The OP said the valve was installed on a PEX line, so there is not a copper stub.

He painted over the connection, so I could not make out the crimp ring. But if there is, then it is of the same type as is shown in the following video.

I have not repaired this type, so wonder if it is kosher to carefully cut off the crimp ring (using a Dremel tool), then crimp the new valve on. Would the already compressed PEX hold the new crimp?

How To Install a BrassCraft PEX Valve - YouTube
 
It depends on if the valve is leaking, or the pex connector. To me, it looks like a push-on valve, not pex at the valve. It’s hard to tell with the paint. Pex at the valve would be very flexible.

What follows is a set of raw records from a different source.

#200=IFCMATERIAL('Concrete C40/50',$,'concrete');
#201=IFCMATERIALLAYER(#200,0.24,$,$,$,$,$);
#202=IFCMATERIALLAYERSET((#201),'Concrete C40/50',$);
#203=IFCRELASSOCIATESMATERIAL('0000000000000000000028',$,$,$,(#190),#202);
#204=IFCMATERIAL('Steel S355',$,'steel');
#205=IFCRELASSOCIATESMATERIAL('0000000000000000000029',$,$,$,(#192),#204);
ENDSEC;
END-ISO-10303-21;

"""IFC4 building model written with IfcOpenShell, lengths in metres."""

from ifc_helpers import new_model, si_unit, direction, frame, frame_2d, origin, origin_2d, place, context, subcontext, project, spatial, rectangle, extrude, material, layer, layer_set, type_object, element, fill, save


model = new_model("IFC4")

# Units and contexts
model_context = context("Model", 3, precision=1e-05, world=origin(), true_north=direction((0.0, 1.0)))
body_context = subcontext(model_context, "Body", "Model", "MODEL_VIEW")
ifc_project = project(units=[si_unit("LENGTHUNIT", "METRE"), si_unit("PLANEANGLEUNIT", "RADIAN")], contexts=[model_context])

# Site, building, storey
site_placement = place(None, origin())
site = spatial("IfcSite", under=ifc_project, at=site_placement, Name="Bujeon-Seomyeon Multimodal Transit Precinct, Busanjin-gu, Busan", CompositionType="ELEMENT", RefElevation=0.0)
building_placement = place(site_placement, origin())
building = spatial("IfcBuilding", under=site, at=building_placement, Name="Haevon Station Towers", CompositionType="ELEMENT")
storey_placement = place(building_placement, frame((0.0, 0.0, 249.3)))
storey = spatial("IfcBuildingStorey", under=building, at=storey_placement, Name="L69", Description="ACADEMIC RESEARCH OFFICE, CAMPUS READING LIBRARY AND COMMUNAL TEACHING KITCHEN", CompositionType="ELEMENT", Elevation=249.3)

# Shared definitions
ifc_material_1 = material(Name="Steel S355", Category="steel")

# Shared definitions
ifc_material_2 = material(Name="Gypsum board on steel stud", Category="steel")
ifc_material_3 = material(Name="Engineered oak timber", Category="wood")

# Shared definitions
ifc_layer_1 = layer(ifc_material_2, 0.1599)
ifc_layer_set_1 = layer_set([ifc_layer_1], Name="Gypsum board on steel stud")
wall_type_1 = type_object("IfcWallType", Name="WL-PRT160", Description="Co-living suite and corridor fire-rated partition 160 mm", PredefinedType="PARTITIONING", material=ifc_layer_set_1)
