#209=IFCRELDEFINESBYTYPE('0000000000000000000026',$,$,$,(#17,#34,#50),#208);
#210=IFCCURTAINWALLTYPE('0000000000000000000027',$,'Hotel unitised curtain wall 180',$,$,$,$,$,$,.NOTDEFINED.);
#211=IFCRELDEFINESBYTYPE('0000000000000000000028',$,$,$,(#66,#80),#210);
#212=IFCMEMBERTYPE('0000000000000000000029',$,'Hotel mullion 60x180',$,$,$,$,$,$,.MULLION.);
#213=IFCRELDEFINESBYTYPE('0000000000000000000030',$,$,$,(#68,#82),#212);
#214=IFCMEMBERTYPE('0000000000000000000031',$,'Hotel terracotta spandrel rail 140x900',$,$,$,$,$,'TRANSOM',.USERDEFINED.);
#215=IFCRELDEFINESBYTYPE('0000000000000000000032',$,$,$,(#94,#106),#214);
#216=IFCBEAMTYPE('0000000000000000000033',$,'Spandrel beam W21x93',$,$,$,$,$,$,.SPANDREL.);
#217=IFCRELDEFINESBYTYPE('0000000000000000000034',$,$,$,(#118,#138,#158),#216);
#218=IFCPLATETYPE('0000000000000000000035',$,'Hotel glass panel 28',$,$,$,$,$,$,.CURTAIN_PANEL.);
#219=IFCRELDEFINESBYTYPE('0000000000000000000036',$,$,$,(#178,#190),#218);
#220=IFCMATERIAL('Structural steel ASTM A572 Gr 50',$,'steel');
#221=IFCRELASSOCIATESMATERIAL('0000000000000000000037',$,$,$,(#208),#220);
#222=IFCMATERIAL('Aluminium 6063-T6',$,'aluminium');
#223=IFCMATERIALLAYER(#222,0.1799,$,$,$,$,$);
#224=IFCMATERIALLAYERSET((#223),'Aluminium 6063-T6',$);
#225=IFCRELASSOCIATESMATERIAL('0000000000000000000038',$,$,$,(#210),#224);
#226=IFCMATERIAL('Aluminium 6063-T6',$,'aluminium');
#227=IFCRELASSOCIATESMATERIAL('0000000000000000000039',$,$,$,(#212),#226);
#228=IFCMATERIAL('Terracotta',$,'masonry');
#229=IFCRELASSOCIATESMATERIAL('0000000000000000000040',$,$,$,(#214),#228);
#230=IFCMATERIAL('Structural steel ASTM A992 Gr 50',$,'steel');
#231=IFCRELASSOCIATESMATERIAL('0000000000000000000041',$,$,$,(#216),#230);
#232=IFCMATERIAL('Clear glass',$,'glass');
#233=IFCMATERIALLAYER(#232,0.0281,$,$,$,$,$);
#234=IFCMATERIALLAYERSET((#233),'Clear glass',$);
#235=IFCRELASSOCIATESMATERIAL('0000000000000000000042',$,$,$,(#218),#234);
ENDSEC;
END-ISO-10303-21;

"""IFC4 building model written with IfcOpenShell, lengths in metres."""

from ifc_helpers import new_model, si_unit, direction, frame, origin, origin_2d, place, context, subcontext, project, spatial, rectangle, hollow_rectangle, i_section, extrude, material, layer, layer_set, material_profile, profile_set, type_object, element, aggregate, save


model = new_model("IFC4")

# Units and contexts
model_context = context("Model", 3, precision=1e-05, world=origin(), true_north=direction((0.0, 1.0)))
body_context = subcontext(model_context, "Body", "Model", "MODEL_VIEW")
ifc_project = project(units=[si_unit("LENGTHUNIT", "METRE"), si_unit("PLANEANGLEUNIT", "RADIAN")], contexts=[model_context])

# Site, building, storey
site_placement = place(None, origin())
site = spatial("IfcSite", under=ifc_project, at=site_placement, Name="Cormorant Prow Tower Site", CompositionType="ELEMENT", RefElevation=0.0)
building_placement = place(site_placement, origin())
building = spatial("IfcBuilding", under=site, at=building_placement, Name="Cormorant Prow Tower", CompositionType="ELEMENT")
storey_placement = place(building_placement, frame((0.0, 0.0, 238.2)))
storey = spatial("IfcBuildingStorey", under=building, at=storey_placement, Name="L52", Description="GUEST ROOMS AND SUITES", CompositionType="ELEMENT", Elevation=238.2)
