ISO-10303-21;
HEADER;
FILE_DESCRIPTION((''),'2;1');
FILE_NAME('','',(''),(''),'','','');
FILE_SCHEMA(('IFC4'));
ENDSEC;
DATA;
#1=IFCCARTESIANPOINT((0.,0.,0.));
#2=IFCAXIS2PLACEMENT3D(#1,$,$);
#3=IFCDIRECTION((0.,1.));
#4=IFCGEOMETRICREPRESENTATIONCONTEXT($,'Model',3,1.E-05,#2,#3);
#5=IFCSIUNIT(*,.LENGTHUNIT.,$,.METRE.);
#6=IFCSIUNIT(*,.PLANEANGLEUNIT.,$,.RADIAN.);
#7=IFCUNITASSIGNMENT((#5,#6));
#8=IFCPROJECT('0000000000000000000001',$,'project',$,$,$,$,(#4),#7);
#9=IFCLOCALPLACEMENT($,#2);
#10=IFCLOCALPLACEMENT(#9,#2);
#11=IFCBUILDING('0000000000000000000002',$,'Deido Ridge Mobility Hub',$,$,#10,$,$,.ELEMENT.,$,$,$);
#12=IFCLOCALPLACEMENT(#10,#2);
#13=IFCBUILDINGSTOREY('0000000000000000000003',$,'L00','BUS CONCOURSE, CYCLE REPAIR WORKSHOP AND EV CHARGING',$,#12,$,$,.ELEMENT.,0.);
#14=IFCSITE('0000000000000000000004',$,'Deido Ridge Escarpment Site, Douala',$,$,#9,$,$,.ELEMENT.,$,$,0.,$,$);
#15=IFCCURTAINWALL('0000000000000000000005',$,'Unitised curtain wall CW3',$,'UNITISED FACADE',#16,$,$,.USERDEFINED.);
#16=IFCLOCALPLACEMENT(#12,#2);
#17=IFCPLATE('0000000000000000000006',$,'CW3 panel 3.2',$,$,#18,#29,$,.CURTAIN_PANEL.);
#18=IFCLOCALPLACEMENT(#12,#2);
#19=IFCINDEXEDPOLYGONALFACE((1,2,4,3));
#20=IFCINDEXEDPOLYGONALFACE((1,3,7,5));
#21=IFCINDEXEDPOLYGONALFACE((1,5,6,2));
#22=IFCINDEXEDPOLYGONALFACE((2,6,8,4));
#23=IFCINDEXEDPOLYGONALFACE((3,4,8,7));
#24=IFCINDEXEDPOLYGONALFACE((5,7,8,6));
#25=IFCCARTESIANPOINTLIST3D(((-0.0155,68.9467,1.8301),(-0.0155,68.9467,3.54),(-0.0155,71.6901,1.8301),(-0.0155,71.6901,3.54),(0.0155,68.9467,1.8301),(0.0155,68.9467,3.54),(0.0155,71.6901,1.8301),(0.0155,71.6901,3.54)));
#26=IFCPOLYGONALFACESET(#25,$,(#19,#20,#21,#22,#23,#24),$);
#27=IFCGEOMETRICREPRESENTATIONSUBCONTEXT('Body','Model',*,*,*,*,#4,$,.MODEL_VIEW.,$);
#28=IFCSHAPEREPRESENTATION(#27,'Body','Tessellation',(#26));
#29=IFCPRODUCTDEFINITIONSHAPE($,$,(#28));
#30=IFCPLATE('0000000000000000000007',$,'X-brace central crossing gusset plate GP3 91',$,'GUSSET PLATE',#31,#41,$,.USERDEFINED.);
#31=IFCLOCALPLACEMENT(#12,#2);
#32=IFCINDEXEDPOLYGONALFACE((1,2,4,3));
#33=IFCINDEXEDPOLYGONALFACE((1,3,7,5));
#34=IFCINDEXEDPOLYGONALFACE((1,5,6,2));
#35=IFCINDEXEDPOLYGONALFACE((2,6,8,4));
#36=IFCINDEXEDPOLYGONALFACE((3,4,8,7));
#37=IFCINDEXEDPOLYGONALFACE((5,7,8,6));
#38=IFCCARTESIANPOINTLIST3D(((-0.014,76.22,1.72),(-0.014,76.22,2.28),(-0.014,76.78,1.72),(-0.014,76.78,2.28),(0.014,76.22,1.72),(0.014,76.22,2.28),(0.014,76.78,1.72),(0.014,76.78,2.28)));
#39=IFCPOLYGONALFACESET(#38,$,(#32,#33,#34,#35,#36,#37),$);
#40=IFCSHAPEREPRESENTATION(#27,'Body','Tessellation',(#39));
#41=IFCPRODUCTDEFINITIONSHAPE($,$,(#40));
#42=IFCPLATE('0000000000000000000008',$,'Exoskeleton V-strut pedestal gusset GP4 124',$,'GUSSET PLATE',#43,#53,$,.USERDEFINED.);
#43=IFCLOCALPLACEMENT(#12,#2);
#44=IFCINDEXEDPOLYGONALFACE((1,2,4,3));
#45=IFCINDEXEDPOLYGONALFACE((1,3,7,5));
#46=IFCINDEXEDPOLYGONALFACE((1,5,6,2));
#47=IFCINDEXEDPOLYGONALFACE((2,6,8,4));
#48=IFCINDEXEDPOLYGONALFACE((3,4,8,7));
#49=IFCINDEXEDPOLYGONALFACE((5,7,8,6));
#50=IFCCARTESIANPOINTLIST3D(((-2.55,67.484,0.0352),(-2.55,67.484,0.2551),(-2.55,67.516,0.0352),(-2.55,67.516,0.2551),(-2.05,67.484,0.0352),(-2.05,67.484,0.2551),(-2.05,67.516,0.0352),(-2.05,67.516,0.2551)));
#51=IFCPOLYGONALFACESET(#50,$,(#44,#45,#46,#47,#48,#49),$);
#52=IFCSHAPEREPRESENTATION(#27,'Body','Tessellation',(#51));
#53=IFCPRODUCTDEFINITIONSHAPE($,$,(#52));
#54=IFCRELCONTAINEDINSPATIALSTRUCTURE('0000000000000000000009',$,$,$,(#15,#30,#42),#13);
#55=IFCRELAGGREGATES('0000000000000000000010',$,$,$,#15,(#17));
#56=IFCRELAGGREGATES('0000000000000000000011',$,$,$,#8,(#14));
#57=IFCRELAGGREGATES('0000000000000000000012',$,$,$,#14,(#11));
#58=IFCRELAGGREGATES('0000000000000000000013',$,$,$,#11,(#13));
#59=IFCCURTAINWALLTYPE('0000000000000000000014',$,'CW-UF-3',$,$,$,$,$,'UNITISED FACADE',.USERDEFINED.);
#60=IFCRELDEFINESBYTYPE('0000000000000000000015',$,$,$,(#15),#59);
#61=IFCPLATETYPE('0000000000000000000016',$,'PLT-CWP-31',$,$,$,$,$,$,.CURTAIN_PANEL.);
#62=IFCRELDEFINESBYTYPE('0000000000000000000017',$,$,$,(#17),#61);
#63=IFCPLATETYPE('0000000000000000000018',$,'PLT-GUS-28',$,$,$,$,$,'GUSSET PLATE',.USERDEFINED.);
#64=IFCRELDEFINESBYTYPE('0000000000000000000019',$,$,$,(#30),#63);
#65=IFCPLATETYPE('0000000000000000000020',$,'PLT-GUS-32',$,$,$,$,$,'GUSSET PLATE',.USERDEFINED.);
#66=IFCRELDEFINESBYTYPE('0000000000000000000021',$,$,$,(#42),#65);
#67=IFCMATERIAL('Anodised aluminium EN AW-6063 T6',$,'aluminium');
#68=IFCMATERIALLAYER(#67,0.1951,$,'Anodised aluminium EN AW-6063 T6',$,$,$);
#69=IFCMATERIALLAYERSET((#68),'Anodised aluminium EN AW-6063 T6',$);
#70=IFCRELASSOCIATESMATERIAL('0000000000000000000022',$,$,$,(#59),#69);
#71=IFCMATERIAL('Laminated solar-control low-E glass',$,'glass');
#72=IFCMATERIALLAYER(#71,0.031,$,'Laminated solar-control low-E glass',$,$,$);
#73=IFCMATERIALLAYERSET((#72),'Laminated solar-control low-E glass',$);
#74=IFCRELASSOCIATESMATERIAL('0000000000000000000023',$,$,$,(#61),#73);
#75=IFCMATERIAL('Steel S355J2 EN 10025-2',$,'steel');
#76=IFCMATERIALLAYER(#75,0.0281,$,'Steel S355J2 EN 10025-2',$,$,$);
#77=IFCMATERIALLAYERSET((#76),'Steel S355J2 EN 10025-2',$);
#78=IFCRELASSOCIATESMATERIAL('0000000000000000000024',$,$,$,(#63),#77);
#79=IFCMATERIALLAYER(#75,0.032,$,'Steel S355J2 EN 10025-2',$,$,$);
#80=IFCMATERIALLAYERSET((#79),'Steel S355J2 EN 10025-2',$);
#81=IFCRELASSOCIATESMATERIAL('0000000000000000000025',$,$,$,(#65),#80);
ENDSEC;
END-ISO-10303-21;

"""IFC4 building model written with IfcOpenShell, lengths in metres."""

from ifc_helpers import new_model, si_unit, direction, frame, origin, origin_2d, place, context, subcontext, project, spatial, rectangle, extrude, material, layer, layer_set, type_object, element, aggregate, save


model = new_model("IFC4")

# Units and contexts
model_context = context("Model", 3, precision=1e-05, world=origin(), true_north=direction((0.0, 1.0)))
body_context = subcontext(model_context, "Body", "Model", "MODEL_VIEW")
ifc_project = project(units=[si_unit("LENGTHUNIT", "METRE"), si_unit("PLANEANGLEUNIT", "RADIAN")], contexts=[model_context])

# Site, building, storey
site_placement = place(None, origin())
site = spatial("IfcSite", under=ifc_project, at=site_placement, Name="Deido Ridge Escarpment Site, Douala", CompositionType="ELEMENT", RefElevation=0.0)
building_placement = place(site_placement, origin())
building = spatial("IfcBuilding", under=site, at=building_placement, Name="Deido Ridge Mobility Hub", CompositionType="ELEMENT")
storey_placement = place(building_placement, origin())
storey = spatial("IfcBuildingStorey", under=building, at=storey_placement, Name="L00", Description="BUS CONCOURSE, CYCLE REPAIR WORKSHOP AND EV CHARGING", CompositionType="ELEMENT", Elevation=0.0)

# Shared definitions
ifc_material_1 = material(Name="Steel S355J2 EN 10025-2", Category="steel")

# Curtain wall
ifc_material_2 = material(Name="Anodised aluminium EN AW-6063 T6", Category="aluminium")
ifc_layer_1 = layer(ifc_material_2, 0.1951, Name="Anodised aluminium EN AW-6063 T6")
ifc_layer_set_1 = layer_set([ifc_layer_1], Name="Anodised aluminium EN AW-6063 T6")
curtain_wall_type_1 = type_object("IfcCurtainWallType", Name="CW-UF-3", ElementType="UNITISED FACADE", PredefinedType="USERDEFINED", material=ifc_layer_set_1)
curtain_wall_1_placement = place(storey_placement, origin())
curtain_wall_1 = element("IfcCurtainWall", 1, at=curtain_wall_1_placement, inside=storey, type_object=curtain_wall_type_1, Name="Unitised curtain wall CW3", ObjectType="UNITISED FACADE", PredefinedType="USERDEFINED")

# Plate
ifc_material_3 = material(Name="Laminated solar-control low-E glass", Category="glass")
ifc_layer_2 = layer(ifc_material_3, 0.031, Name="Laminated solar-control low-E glass")
ifc_layer_set_2 = layer_set([ifc_layer_2], Name="Laminated solar-control low-E glass")
plate_type_1 = type_object("IfcPlateType", Name="PLT-CWP-31", PredefinedType="CURTAIN_PANEL", material=ifc_layer_set_2)
plate_1_placement = place(storey_placement, frame((0.0, 70.3184, 1.8301), z_axis=(0.0, 0.0, 1.0), x_axis=(0.0, 1.0, 0.0)))
plate_1 = element("IfcPlate", 2, at=plate_1_placement, type_object=plate_type_1, Name="CW3 panel 3.2", PredefinedType="CURTAIN_PANEL", context=body_context, shape_type="SweptSolid", body=[
    extrude(rectangle(XDim=2.7434, YDim=0.031, at=origin_2d()), origin(), (0.0, 0.0, 1.0), 1.71),
])
aggregate(curtain_wall_1, [plate_1])

# Plates
ifc_layer_3 = layer(ifc_material_1, 0.0281, Name="Steel S355J2 EN 10025-2")
ifc_layer_set_3 = layer_set([ifc_layer_3], Name="Steel S355J2 EN 10025-2")
plate_type_2 = type_object("IfcPlateType", Name="PLT-GUS-28", ElementType="GUSSET PLATE", PredefinedType="USERDEFINED", material=ifc_layer_set_3)
plate_2_placement = place(storey_placement, frame((0.0, 76.5, 1.72), z_axis=(0.0, 0.0, 1.0), x_axis=(0.0, 1.0, 0.0)))
element("IfcPlate", 3, at=plate_2_placement, inside=storey, type_object=plate_type_2, Name="X-brace central crossing gusset plate GP3 91", ObjectType="GUSSET PLATE", PredefinedType="USERDEFINED", context=body_context, shape_type="SweptSolid", body=[
    extrude(rectangle(XDim=0.5601, YDim=0.0281, at=origin_2d()), origin(), (0.0, 0.0, 1.0), 0.5601),
])
ifc_layer_4 = layer(ifc_material_1, 0.032, Name="Steel S355J2 EN 10025-2")
ifc_layer_set_4 = layer_set([ifc_layer_4], Name="Steel S355J2 EN 10025-2")
plate_type_3 = type_object("IfcPlateType", Name="PLT-GUS-32", ElementType="GUSSET PLATE", PredefinedType="USERDEFINED", material=ifc_layer_set_4)
plate_3_placement = place(storey_placement, frame((-2.3, 67.5, 0.0352), z_axis=(0.0, 0.0, 1.0), x_axis=(1.0, 0.0, 0.0)))
element("IfcPlate", 4, at=plate_3_placement, inside=storey, type_object=plate_type_3, Name="Exoskeleton V-strut pedestal gusset GP4 124", ObjectType="GUSSET PLATE", PredefinedType="USERDEFINED", context=body_context, shape_type="SweptSolid", body=[
    extrude(rectangle(XDim=0.5, YDim=0.032, at=origin_2d()), origin(), (0.0, 0.0, 1.0), 0.22),
])

save(model, "model.ifc")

Odds are, if it is that easy as removing the pex ring and putting a new one on, you could just re-crimp the original Pex ring.

There are two types of pex rings, a cinch ring, and a copper ring. The cinch ring can be removed with a nippers or wire cutter. The crimp ring needs the pex to be cut, and a special pex ring cutter. A Dremal tool might work to remove it. But I do not see either ring there.

Taking the ring off, and installing a new ring, only works if you have the tools. It also assumes the original valve is not damaged that caused the leak around the pex barbs. A copper ring compression tool is like $80. A cinch ring tool is ~$30, but the rings cost a bit more.